F.F. Quand on se penche sur le bilan 2019 de la rédaction, on constate que deux titres ex æquo squattent la plus haute marche du podium : Midsommar et Once Upon a Time… in Hollywood. Mais pour toi Gilles, Midsommar ne fait pas vraiment partie des meilleurs…

G.E. Il fait même partie des pires. Je n’aime pas ce film. Je n’aime pas ce cinéaste. Je m’étais déjà acharné sur Ari Aster lors de la table ronde de l’année dernière. Pour Midsommar, j’ai trouvé les personnages de mâles universitaires très chargés. Pour moi, un cinéaste se doit de donner à ses protagonistes la chance d’exister et, dans ce cas-là, leur conférer d’autres dimensions que celle du connard arriviste. Tout m’a paru très plat. Ça me fait d’ailleurs penser à un article qui a été écrit en Italie, un texte très intéressant sur la gentrification du cinéma d’horreur. Ça pointe le fait qu’un film comme Midsommar se place au-dessus d’un cinéma de genre grand public. L’auteur attaque tous les films du distributeur A24, dont ceux de Ari Aster, mais aussi le remake de Suspiria… Il relève que les personnages de ces oeuvres ne sont plus des teenagers de classes populaires, mais presque toujours des bobos universitaires.

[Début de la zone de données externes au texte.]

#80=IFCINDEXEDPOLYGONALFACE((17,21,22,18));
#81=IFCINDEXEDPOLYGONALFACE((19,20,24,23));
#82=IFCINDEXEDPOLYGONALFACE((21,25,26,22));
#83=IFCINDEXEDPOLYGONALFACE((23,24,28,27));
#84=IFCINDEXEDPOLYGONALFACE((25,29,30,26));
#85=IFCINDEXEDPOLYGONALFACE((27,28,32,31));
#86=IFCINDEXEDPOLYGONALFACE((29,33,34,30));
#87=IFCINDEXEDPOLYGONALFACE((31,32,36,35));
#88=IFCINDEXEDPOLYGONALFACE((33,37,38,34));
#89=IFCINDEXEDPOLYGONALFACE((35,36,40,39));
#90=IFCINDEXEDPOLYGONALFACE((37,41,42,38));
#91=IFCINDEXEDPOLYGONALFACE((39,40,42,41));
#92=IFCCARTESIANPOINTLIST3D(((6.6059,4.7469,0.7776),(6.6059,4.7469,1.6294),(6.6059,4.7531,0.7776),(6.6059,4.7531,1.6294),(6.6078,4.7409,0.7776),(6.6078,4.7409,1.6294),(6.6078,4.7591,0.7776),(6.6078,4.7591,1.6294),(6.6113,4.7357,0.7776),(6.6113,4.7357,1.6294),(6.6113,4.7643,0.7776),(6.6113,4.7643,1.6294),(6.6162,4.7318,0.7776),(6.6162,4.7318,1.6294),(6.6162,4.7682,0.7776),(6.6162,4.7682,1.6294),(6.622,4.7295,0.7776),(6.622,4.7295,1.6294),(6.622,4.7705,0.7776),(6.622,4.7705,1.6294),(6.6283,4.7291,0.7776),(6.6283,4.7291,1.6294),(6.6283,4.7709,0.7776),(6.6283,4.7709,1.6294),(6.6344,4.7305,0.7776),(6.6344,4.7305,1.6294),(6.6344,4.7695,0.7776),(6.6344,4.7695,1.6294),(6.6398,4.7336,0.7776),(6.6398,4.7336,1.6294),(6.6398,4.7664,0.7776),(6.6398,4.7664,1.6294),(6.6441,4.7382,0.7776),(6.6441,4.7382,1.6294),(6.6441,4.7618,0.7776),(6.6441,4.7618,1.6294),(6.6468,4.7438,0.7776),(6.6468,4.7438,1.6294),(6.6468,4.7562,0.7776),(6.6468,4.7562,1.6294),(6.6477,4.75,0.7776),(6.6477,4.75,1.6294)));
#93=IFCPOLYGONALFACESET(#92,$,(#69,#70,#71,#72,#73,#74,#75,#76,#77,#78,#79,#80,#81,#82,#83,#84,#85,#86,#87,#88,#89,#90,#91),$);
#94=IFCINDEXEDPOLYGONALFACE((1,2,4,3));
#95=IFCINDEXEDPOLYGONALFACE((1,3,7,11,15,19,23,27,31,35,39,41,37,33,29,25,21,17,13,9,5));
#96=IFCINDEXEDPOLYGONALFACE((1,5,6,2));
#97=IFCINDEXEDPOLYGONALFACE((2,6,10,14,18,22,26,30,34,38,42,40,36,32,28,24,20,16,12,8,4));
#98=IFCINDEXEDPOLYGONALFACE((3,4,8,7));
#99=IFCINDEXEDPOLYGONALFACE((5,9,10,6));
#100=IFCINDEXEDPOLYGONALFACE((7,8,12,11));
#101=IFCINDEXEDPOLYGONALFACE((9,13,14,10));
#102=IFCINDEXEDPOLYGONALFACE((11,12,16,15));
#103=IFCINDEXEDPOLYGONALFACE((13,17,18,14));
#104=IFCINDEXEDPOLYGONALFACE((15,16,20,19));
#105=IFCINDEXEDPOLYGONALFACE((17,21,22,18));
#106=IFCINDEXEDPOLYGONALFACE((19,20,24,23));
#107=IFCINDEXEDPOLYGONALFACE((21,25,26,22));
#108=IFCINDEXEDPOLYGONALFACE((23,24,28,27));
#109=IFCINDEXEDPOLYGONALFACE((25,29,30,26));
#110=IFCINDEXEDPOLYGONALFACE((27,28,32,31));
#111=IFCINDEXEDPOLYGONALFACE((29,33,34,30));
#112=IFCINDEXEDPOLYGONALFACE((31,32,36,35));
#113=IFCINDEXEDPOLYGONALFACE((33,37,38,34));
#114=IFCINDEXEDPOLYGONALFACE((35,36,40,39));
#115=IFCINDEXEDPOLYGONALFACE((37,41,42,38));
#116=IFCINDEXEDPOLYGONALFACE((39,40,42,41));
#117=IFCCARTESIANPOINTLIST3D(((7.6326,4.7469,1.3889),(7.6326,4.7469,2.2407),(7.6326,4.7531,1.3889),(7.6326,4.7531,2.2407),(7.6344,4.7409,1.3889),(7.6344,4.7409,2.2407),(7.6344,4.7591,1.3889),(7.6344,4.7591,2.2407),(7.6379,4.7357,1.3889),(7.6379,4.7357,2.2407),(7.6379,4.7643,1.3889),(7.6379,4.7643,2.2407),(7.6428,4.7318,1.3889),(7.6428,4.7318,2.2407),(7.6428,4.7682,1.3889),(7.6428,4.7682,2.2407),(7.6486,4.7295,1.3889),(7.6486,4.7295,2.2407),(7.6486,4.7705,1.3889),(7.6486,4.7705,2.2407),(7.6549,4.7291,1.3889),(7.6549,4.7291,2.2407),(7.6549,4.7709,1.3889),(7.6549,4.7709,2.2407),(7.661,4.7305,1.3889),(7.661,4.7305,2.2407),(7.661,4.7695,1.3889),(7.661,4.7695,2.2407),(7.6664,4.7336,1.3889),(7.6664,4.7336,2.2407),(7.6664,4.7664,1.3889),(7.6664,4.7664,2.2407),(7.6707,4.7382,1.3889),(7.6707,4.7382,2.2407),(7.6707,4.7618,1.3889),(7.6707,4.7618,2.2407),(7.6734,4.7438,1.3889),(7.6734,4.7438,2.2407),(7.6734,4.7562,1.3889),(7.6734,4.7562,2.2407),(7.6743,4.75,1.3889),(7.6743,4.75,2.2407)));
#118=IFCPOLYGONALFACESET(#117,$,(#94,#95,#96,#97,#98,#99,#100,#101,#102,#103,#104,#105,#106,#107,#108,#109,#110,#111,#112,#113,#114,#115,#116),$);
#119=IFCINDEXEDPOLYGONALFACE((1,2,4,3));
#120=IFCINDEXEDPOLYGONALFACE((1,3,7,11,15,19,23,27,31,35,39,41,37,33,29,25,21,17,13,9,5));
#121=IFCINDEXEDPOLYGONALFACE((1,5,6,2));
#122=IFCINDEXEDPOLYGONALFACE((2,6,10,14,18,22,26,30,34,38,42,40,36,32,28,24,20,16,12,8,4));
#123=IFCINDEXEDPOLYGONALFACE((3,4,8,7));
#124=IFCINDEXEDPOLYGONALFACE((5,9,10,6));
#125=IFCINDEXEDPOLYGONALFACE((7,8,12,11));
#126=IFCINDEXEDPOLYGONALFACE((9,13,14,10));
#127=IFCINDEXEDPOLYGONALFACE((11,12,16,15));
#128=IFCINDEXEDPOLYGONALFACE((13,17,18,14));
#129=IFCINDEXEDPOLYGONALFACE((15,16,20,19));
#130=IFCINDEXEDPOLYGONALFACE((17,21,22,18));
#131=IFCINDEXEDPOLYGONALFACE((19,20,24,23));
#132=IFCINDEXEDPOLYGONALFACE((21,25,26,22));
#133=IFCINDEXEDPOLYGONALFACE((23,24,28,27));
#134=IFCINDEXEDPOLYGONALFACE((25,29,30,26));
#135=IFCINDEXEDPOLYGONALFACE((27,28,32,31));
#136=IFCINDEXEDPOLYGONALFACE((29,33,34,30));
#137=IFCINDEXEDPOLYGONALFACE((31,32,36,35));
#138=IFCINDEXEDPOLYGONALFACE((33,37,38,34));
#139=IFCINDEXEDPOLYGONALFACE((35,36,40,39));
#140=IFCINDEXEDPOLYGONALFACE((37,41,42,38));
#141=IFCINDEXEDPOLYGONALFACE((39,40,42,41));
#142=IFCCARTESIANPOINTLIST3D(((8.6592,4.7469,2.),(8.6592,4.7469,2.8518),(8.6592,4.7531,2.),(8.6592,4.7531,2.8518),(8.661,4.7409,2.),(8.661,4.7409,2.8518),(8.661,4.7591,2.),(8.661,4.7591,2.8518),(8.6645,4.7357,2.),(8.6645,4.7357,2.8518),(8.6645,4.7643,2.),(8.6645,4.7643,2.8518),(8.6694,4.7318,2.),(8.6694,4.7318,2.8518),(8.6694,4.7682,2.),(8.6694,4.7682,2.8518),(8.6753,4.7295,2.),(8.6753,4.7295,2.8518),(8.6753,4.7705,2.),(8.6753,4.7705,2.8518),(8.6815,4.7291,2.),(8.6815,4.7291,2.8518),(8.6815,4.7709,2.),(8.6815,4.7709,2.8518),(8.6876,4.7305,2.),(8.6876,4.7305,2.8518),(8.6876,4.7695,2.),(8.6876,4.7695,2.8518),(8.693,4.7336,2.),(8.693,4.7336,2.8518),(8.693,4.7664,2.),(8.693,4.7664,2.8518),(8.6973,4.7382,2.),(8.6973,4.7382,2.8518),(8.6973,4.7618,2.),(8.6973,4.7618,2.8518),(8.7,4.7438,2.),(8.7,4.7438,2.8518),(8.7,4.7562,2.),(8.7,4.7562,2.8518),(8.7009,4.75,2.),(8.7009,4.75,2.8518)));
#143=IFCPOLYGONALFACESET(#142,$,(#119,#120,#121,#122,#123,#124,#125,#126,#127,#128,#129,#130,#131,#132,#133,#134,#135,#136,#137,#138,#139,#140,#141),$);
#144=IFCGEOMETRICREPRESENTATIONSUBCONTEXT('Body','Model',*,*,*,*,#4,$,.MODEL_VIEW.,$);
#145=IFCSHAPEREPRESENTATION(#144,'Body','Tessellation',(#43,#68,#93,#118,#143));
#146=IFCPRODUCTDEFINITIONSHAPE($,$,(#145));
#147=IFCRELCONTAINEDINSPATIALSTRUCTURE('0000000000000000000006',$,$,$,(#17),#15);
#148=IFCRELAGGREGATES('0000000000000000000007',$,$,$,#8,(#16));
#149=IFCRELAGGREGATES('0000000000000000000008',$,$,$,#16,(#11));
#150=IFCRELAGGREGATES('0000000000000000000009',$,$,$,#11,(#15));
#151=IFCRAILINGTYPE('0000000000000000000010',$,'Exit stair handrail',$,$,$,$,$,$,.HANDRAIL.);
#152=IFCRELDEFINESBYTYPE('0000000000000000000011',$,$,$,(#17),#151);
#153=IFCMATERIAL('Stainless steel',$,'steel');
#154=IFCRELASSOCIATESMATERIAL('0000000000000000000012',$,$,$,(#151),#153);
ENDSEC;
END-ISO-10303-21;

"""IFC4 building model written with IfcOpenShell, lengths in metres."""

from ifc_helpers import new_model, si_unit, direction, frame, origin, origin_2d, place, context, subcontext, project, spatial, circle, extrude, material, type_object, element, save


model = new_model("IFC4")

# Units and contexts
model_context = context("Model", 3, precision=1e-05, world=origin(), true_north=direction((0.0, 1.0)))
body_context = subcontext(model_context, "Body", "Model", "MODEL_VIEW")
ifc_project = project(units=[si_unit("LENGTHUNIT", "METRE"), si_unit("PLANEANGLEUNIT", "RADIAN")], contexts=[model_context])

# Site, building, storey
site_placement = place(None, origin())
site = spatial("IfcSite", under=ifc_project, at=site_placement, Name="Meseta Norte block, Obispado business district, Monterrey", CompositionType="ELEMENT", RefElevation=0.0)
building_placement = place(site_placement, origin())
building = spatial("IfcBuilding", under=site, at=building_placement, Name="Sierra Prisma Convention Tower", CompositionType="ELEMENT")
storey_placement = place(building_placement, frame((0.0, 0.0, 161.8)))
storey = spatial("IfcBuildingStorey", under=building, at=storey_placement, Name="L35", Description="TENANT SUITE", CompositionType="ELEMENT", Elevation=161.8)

Et donc des personnages plus éduqués qui, par conséquent, renvoient à un public plus éduqué et qui se croit plus cinéphile. C’est un texte très intéressant, et pour moi, Midsommar est typique de ce phénomène.

L.D. Mais est-ce que ce papier n’essaierait pas de réinventer l’eau tiède en décrivant ce qu’on appelle, depuis pas mal de temps déjà, l’elevated genre ?

G.E. Il développe des points très précis. Dans Midsommar, j’ai trouvé assez consternante la charge pas très intéressante contre les thésards. Le texte pointe la différence de milieux sociaux entre les héros de ces films-là et ceux du cinéma d’horreur des années 80, par exemple.

L.D. Oui, mais ça a toujours été le cas. Des réalisateurs comme David Cronenberg ont toujours fait une horreur plus pointue par exemple, adressée à un public qui vient peut-être plus pour le contenu que pour l’horreur en elle-même.

F.F. Ce n’était pas le cas des premiers Cronenberg, qui étaient de vrais films d’exploitation…



L.D. Oui, mais à partir de Vidéodrome, c’est le cas. Ce que je veux dire, c’est que c’est quelque chose qui a toujours existé. Et puis Gilles, tu parles de la charge contre les thésards, mais j’y vois plus une charge contre le mépris culturel d’une Amérique qui se juge supérieure à toute culture qui diffère de la sienne. Selon moi, c’est l’un des sujets majeurs de Midsommar.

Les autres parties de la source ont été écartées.